A notable methodological insight is that increased algorithmic complexity does not automatically translate into better controllability. More computationally demanding evolutionary variants do not yield clearer benefits in terms of how proportionally the system reflects user propensities, compared to simpler incremental strategies. This is consequential for deployable controllable recommenders, where responsiveness and predictability are often more valuable than marginal optimization gains.

The paper also highlights that “beyond-accuracy” objectives can collapse into each other empirically. Diversity, novelty, and exploration are strongly intertwined in practice (especially when derived from similar behavioral signals), meaning that adjusting one dimension can unintentionally move others. This makes interface design and objective selection a core research problem: controllability depends not only on optimization, but on whether the objective dimensions are behaviorally separable enough to support meaningful user intent.

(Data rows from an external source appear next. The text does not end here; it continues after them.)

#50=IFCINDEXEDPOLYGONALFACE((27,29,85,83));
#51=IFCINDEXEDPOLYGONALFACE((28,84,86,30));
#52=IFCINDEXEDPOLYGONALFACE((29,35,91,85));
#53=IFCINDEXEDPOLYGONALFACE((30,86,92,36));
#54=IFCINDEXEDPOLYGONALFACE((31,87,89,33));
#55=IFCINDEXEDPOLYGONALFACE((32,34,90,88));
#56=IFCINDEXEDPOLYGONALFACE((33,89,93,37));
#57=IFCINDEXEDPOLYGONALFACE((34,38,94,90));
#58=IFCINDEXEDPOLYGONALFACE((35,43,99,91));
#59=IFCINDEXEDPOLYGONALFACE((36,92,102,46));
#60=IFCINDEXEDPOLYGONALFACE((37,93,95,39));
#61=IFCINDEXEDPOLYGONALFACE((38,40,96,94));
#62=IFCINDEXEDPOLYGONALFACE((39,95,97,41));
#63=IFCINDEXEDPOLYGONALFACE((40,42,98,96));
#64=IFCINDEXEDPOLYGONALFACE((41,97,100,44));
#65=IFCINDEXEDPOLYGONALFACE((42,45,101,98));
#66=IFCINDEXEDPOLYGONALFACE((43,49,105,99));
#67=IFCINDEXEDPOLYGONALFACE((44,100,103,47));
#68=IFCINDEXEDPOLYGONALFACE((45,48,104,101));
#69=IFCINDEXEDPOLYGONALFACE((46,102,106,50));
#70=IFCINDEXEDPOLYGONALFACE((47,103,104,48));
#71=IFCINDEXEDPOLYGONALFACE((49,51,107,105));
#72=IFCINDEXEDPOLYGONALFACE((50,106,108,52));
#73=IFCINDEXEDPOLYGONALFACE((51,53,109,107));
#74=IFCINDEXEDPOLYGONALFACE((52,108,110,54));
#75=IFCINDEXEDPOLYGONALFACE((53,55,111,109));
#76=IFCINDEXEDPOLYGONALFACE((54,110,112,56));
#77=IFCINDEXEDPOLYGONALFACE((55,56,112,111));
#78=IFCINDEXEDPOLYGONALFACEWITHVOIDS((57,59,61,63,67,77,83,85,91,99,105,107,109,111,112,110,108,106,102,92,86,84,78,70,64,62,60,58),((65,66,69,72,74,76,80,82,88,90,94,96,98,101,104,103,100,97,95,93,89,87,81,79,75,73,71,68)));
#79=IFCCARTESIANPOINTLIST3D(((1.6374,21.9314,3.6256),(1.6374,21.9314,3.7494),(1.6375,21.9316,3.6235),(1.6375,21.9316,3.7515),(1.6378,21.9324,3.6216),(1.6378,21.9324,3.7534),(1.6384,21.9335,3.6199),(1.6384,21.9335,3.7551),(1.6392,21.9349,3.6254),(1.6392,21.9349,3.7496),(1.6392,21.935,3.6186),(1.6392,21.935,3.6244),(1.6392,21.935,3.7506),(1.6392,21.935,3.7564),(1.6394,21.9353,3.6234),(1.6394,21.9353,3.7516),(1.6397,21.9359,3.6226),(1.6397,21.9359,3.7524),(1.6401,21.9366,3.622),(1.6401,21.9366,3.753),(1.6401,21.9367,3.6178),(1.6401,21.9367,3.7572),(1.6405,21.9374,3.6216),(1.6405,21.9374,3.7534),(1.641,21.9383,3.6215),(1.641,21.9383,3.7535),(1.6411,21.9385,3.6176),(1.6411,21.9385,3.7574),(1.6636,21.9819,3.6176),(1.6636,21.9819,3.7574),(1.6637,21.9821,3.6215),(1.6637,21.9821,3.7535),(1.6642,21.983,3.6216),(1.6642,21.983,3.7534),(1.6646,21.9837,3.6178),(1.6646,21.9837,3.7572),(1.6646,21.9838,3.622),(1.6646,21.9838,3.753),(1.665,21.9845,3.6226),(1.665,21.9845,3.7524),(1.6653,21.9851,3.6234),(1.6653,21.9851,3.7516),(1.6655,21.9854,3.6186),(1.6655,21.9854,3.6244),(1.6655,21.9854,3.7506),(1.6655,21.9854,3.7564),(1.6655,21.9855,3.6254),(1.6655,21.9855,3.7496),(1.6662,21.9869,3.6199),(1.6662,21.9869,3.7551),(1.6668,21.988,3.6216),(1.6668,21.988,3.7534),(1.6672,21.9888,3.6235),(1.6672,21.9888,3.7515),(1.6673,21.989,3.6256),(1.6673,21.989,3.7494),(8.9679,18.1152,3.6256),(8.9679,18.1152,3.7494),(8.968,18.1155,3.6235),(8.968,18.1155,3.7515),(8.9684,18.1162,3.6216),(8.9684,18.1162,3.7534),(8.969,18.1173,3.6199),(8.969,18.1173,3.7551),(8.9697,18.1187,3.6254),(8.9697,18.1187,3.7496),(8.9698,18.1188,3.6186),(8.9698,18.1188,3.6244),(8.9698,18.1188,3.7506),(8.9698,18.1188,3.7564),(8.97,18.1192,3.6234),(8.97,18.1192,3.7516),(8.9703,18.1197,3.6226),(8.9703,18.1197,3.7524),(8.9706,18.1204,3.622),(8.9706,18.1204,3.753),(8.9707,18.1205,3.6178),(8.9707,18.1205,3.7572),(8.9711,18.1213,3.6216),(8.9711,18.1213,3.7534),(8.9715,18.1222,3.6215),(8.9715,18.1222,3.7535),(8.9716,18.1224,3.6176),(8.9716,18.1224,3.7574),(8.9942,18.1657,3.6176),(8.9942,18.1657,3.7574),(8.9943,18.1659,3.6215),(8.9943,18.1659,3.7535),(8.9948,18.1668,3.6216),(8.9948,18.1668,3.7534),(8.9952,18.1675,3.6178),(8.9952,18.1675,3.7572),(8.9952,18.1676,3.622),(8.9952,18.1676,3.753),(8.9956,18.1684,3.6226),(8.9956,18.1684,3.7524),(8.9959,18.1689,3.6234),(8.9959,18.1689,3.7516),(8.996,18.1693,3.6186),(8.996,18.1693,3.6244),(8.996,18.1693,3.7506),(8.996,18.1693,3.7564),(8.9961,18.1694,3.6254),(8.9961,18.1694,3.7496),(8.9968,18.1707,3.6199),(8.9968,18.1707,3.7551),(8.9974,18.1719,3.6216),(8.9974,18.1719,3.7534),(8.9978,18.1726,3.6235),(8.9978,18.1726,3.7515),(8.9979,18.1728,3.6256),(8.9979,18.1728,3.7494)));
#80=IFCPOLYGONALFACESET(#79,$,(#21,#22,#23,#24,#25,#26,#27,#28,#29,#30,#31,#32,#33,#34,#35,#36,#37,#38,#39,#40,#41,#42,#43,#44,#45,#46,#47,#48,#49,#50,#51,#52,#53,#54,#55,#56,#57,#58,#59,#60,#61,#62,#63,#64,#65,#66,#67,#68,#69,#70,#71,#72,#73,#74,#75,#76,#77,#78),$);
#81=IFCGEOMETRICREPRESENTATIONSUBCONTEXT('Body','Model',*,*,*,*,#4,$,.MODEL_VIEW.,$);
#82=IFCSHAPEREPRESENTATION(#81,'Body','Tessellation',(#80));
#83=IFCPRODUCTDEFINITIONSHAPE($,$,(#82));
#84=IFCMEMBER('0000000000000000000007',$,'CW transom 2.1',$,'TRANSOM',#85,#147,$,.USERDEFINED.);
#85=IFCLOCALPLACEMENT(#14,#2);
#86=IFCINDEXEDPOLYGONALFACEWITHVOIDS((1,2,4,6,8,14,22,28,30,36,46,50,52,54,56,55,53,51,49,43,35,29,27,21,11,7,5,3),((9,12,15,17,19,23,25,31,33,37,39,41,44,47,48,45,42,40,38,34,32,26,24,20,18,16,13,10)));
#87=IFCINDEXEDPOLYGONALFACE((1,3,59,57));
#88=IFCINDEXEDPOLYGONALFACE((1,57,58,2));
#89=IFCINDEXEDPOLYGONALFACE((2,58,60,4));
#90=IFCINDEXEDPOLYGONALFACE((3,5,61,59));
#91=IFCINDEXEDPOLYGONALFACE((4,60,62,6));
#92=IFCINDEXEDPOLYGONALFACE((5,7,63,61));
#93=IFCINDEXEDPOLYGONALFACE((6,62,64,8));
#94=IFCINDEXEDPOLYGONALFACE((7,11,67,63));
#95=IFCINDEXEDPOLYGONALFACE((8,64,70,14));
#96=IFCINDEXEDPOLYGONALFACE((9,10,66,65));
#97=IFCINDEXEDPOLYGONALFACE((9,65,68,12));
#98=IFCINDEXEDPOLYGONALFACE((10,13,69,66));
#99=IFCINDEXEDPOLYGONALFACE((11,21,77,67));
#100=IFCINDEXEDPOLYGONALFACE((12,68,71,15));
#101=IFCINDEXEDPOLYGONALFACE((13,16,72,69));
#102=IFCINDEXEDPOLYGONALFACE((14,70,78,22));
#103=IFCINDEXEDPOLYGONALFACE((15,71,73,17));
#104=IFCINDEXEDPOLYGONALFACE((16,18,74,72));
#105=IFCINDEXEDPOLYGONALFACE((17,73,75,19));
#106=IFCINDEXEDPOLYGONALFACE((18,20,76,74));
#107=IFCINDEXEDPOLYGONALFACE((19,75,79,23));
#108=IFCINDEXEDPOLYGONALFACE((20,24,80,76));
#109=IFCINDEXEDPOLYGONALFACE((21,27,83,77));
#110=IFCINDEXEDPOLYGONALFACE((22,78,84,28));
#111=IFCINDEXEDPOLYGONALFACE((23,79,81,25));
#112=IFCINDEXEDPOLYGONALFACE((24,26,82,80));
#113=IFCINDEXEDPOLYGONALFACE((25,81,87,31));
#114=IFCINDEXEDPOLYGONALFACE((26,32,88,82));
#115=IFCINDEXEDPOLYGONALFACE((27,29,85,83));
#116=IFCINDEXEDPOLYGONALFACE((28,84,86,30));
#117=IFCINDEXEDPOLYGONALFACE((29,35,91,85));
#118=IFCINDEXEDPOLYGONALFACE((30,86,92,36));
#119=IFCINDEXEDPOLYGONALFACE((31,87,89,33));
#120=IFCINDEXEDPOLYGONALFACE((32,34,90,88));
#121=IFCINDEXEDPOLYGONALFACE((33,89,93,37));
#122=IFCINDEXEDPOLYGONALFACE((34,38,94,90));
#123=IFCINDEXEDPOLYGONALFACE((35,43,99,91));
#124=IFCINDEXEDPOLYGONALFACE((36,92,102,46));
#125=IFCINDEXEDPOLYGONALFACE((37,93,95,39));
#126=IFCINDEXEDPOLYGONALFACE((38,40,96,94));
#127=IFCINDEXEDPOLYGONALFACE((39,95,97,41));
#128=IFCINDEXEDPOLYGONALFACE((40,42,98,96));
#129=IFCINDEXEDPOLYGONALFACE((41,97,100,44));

Finally, users do use the control interface, often experimenting early and then converging toward stable settings. Yet their final settings can differ substantially from propensities estimated from initial behavior, suggesting that preference elicitation from history and preference articulation through control can diverge in systematic ways. This is a key warning for systems that assume they can infer “what users want” about beyond-accuracy trade-offs without letting users correct the system.

Conclusions

This work contributes a user-centric lens on controllable multi-objective recommendation: we can evaluate not only what lists look like under multiple objectives, but whether the system’s behavior is consistent with user-declared trade-offs and whether these trade-offs influence longer-horizon indicators such as serendipity and profile broadening. The results emphasize that controllability is not a UI add-on; it is an alignment requirement that interacts with objective definitions, optimization choices, and the behavioral entanglement among beyond-accuracy signals.

Several research directions follow naturally. One is to better model the semantics of user controls, including when users treat sliders as “importance” versus “target levels,” and how interfaces can make that interpretation unambiguous. Another is to design objective sets whose dimensions are less behaviorally redundant, so that control becomes meaningfully expressive rather than indirectly correlated. A third direction is to move from short controlled sessions to longitudinal settings, where the promised benefits of discovery-oriented trade-offs can be validated as sustained engagement outcomes rather than proxies. Finally, richer control modalities (potentially including natural language preference statements) raise the prospect of making controllable multi-objective recommendation both less burdensome and more faithful to what users actually mean when they ask for “something different, but still for me.”